I Wish It Could Be Christmas Everyday – The Best of Wizzard

It’s a strange quirk of British popular culture that three groups from the early 1970s – Slade, Mud and Wizzard – return unfailingly to the airwaves each December and remind us that fifty years ago there was a thing called glam rock.

This platform-heeled triumvirate of power chords, glitter and sleigh bells are colourful remnants of a gaudier time, suspended in aspic by the nostalgia of Christmas. You might think of them as the congealed salads of popular music.

I Wish It Could Be Christmas Everyday was far from Wizzard’s only hit, in fact it’s not even their biggest in chart terms. See My Baby Jive and Angel Fingers had both been number ones for the band in 1973, but IWICBCE was pipped to the no. 1 spot that year by Slade’s rollicking Merry Christmas Everybody.

But in the popular imagination Wizzard will forever be associated with Christmas and Christmas alone. Singer Roy Wood’s resemblance to a slightly maniacal, electric kool aid Santa Claus might have more than a little to do with it, but his musical legacy goes way beyond Wizzard.

The Guardian’s Alexis Petridis puts it best: “There are worse fates for a musician than to write a song so indelible that it becomes part of the fabric of national life, but Wood’s latterday image as a hirsute bringer of seasonal jollity does seem to undersell his talent quite dramatically.”

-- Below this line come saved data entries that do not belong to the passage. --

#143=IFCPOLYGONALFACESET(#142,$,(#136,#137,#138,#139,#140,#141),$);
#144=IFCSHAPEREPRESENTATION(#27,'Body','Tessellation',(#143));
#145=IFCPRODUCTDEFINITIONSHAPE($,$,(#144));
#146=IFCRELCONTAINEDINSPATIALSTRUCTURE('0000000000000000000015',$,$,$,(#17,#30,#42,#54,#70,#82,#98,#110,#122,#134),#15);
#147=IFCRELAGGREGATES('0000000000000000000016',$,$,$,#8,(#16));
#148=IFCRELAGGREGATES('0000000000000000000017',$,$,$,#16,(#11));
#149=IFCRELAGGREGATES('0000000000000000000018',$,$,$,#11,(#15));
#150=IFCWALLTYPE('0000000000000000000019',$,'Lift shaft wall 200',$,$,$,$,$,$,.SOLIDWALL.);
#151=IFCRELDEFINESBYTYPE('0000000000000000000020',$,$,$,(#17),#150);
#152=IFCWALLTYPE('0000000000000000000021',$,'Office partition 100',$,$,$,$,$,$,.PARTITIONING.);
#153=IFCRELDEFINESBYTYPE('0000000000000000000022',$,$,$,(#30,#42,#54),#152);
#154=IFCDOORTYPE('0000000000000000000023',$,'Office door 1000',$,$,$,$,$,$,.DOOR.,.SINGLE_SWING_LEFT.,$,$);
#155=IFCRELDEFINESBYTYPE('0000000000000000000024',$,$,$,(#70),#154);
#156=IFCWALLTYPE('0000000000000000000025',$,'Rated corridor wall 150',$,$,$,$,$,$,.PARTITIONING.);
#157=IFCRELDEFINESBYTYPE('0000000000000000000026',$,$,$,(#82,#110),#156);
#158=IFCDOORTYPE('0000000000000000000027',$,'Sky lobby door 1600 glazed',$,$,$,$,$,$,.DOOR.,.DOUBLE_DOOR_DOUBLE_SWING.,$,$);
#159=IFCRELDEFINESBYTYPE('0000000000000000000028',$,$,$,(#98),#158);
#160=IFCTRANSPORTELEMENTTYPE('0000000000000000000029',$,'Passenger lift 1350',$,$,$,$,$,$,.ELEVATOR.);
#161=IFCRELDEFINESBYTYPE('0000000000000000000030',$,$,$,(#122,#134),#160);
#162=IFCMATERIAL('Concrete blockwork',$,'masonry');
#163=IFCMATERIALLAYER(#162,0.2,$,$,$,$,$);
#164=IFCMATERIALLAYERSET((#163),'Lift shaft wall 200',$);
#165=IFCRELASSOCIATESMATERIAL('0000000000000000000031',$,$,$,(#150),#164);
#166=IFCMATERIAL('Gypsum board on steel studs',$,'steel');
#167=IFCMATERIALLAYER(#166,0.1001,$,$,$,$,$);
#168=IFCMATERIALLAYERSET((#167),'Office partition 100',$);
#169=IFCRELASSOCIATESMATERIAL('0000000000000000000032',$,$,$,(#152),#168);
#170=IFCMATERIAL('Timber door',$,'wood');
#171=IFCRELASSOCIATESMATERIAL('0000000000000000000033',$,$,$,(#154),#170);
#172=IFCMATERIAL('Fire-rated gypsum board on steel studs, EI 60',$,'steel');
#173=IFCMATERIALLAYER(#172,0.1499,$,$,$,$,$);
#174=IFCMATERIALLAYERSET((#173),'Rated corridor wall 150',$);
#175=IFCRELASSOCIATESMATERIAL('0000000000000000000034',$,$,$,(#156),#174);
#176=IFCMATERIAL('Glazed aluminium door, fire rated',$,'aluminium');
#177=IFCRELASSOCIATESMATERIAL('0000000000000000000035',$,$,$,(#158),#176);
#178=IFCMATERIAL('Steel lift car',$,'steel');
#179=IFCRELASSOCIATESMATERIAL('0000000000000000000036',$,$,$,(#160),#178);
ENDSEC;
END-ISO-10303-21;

A founding member of both ELO and The Move, Wood’s place in posterity was already assured as the writer of, among many other hits, Flowers In The Rain, famously the first song ever to be played on BBC Radio 1 when it launched in 1967.

The version of IWICBCE you hear on radio and TV every Christmas isn’t actually the 1973 original. In 1981 EMI had plans to re-release the song and try to improve upon its no. 4 peak, but had to admit to Wood that they had lost the masters.

The song was hastily re-recorded from scratch, with Wood playing every instrument and a new children’s choir drafted in from a school next door to the studio. It peaked at no. 41. But streaming has seen IWICBCE steadily improve its chart peak every year for the last decade. There’s still time Roy!